Зефир и Дэш управляли плотом вдвоём, стоя на противоположных сторонах, чтобы вес был равномерно распределён, и передавая друг другу палку. Один из них погружал конец палки в воду, пока она не упиралась в дно реки, и подталкивал плот всё ближе и ближе к дальнему берегу, а затем передавал палку другому, чтобы сохранить равновесие.
В это время Ларкин и Корделия сидели в самом центре плота, подтащив к себе все четыре сумки и стараясь как можно лучше распределить вес. Плот казался таким хлипким, Корделия боялась чихнуть, чтобы не опрокинуть его.
Они как раз добрались до середины реки, когда Дэш замер, и палка чуть не выскользнула у него из рук.
– Вы это слышите? – спросил он шёпотом.
– Нет, – ответила Корделия, нахмурившись, но как только это слово слетело с её губ, она услышала голос. Песню.
Сам голос не был особенно красивым: не таким красивым, как у мисс Кавендиш, которая выступала на празднествах Солнцестояния и других сборищах, исполняя известные всем частушки и печальные баллады; не таким красивым, как у Талии, которая пела им колыбельные, когда они были детьми, а теперь иногда напевала себе под нос, работая на гончарном круге. Нет, этот голос не был красивым, но он всё равно проникал внутрь, как заноза. Это был голос, от которого стыла кровь.
Все замерли, и плот перестал продвигаться вперёд, почти остановившись на середине реки. Никто не смел ни говорить, ни двигаться, ни даже дышать, в то время как голос приближался. В песне, которую он пел, не было слов, только музыка, которая наполняла воздух, неотвратимая и пьянящая.
Вода на реке пошла рябью и волнами, и когда пение достигло крещендо[1], рядом с плотом возникло лицо с огромными глазами; оно было наполовину погружено в воду и окружено спутанными кудрями цвета водорослей, сверкавшими в лунном свете.

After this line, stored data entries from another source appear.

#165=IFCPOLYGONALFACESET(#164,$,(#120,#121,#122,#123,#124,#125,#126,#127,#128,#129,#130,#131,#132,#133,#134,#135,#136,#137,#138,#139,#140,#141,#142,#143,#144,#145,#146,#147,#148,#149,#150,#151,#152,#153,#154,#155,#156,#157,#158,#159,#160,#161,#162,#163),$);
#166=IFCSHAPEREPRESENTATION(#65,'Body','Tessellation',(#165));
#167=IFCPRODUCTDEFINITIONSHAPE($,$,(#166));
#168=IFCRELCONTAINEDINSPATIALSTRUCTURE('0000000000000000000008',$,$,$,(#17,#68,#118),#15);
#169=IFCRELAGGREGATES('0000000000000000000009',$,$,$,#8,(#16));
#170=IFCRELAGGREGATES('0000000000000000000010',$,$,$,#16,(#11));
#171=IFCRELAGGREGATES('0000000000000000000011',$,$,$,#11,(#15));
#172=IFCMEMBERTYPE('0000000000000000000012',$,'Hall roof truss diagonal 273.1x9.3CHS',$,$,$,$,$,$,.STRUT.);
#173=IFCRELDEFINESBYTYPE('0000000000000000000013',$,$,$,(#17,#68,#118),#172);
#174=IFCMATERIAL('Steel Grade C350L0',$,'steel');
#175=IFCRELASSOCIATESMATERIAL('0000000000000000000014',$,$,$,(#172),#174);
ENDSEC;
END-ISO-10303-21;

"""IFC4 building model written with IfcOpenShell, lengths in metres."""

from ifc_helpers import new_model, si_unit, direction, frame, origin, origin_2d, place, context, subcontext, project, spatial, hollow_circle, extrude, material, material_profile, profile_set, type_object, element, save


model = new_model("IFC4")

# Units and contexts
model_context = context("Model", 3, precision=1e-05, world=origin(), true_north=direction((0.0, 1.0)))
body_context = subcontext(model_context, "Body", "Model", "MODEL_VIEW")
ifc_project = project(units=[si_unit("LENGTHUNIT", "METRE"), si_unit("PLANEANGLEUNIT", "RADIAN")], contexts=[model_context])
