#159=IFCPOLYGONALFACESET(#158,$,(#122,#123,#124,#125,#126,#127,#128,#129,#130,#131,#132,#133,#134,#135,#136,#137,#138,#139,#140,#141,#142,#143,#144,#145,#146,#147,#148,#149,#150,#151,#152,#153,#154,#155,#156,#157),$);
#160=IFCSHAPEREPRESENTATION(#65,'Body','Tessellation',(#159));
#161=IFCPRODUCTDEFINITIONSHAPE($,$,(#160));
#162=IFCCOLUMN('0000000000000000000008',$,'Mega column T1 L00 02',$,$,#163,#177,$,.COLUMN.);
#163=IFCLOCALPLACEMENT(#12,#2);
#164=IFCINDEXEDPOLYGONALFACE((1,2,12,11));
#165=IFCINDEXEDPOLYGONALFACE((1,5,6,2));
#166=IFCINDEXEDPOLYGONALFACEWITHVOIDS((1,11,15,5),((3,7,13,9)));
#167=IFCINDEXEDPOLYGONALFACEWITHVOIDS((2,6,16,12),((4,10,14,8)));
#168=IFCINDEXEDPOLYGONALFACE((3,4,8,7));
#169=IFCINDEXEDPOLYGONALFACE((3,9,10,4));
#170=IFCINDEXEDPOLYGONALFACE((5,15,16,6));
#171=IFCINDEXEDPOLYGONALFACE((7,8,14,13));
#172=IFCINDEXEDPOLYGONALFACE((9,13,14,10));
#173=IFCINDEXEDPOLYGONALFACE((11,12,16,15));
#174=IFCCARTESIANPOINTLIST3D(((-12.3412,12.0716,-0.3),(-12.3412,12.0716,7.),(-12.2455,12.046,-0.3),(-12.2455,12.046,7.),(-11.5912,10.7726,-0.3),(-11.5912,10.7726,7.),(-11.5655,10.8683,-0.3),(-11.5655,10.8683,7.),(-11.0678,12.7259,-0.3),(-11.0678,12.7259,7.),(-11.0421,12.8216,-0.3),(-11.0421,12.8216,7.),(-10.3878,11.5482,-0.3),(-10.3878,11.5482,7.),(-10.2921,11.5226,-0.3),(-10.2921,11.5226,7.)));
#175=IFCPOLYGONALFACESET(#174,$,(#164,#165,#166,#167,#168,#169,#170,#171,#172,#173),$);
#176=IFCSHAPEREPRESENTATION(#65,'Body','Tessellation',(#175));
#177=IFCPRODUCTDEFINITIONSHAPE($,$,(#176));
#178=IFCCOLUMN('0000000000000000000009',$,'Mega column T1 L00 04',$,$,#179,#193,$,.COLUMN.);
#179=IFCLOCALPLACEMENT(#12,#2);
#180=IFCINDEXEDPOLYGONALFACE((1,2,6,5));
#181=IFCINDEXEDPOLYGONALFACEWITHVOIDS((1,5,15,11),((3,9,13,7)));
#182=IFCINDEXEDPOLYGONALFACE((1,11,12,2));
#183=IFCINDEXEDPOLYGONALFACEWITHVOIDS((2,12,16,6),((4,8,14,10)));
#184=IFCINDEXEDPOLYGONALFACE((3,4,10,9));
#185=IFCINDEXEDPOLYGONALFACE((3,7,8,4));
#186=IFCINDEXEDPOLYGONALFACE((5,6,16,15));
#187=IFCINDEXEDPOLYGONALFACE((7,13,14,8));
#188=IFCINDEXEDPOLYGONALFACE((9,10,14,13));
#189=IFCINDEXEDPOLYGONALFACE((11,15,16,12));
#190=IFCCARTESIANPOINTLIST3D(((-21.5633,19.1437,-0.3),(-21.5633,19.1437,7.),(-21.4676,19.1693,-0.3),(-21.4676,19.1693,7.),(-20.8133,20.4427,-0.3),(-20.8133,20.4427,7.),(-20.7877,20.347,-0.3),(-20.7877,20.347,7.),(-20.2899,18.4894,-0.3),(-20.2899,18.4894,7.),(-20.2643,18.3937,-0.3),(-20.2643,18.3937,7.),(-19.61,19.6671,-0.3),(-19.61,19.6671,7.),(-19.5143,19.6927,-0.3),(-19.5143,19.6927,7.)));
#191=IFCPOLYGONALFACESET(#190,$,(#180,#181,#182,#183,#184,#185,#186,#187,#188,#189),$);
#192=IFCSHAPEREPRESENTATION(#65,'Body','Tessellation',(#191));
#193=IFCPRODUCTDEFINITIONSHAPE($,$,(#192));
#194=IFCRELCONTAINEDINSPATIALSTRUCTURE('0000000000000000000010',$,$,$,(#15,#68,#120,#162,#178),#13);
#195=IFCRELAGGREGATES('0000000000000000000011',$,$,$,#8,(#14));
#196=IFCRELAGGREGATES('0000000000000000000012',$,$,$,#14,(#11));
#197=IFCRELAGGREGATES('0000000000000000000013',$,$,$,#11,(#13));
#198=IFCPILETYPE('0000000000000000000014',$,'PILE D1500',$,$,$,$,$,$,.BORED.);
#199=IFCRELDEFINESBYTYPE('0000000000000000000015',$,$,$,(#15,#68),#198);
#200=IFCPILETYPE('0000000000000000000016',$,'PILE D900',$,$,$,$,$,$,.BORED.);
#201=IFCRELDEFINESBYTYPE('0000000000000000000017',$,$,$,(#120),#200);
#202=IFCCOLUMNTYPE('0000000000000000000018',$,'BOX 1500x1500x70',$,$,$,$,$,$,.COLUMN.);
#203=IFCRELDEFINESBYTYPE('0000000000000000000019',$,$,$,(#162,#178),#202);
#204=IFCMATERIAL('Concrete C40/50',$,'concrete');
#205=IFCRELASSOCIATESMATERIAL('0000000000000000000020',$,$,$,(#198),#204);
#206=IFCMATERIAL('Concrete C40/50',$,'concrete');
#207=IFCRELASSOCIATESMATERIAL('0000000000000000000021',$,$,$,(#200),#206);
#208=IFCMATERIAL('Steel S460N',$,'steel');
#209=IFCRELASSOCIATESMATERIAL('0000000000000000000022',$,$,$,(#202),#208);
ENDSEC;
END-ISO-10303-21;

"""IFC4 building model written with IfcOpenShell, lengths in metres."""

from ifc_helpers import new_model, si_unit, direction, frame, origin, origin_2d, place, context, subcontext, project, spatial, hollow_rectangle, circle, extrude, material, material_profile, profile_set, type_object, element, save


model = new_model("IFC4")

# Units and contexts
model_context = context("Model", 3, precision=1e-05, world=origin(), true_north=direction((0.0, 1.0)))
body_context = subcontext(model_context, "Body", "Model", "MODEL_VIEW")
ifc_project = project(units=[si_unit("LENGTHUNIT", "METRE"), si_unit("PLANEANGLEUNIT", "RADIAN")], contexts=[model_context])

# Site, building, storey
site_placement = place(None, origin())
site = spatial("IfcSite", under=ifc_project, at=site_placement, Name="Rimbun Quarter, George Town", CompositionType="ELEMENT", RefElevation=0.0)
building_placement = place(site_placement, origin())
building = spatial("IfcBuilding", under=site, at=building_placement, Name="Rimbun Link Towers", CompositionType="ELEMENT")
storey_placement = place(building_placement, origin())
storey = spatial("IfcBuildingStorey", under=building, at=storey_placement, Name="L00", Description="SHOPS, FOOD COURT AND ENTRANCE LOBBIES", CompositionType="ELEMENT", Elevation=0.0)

– Болотница, – чуть слышно промолвила Ларкин.
Корделия не стала её поправлять, хотя ей очень хотелось это сделать. Она уже видела их – они все видели. На первый взгляд болотницы казались почти людьми, но всё в их внешности было слишком резким, слишком тонким, и ниже талии они были покрыты чешуёй самых разных цветов. Но дети всегда видели, как они игриво плескались на отмелях реки, весело пели и махали прохожим. Болотницы были дружелюбными, они были красивыми, они были счастливыми.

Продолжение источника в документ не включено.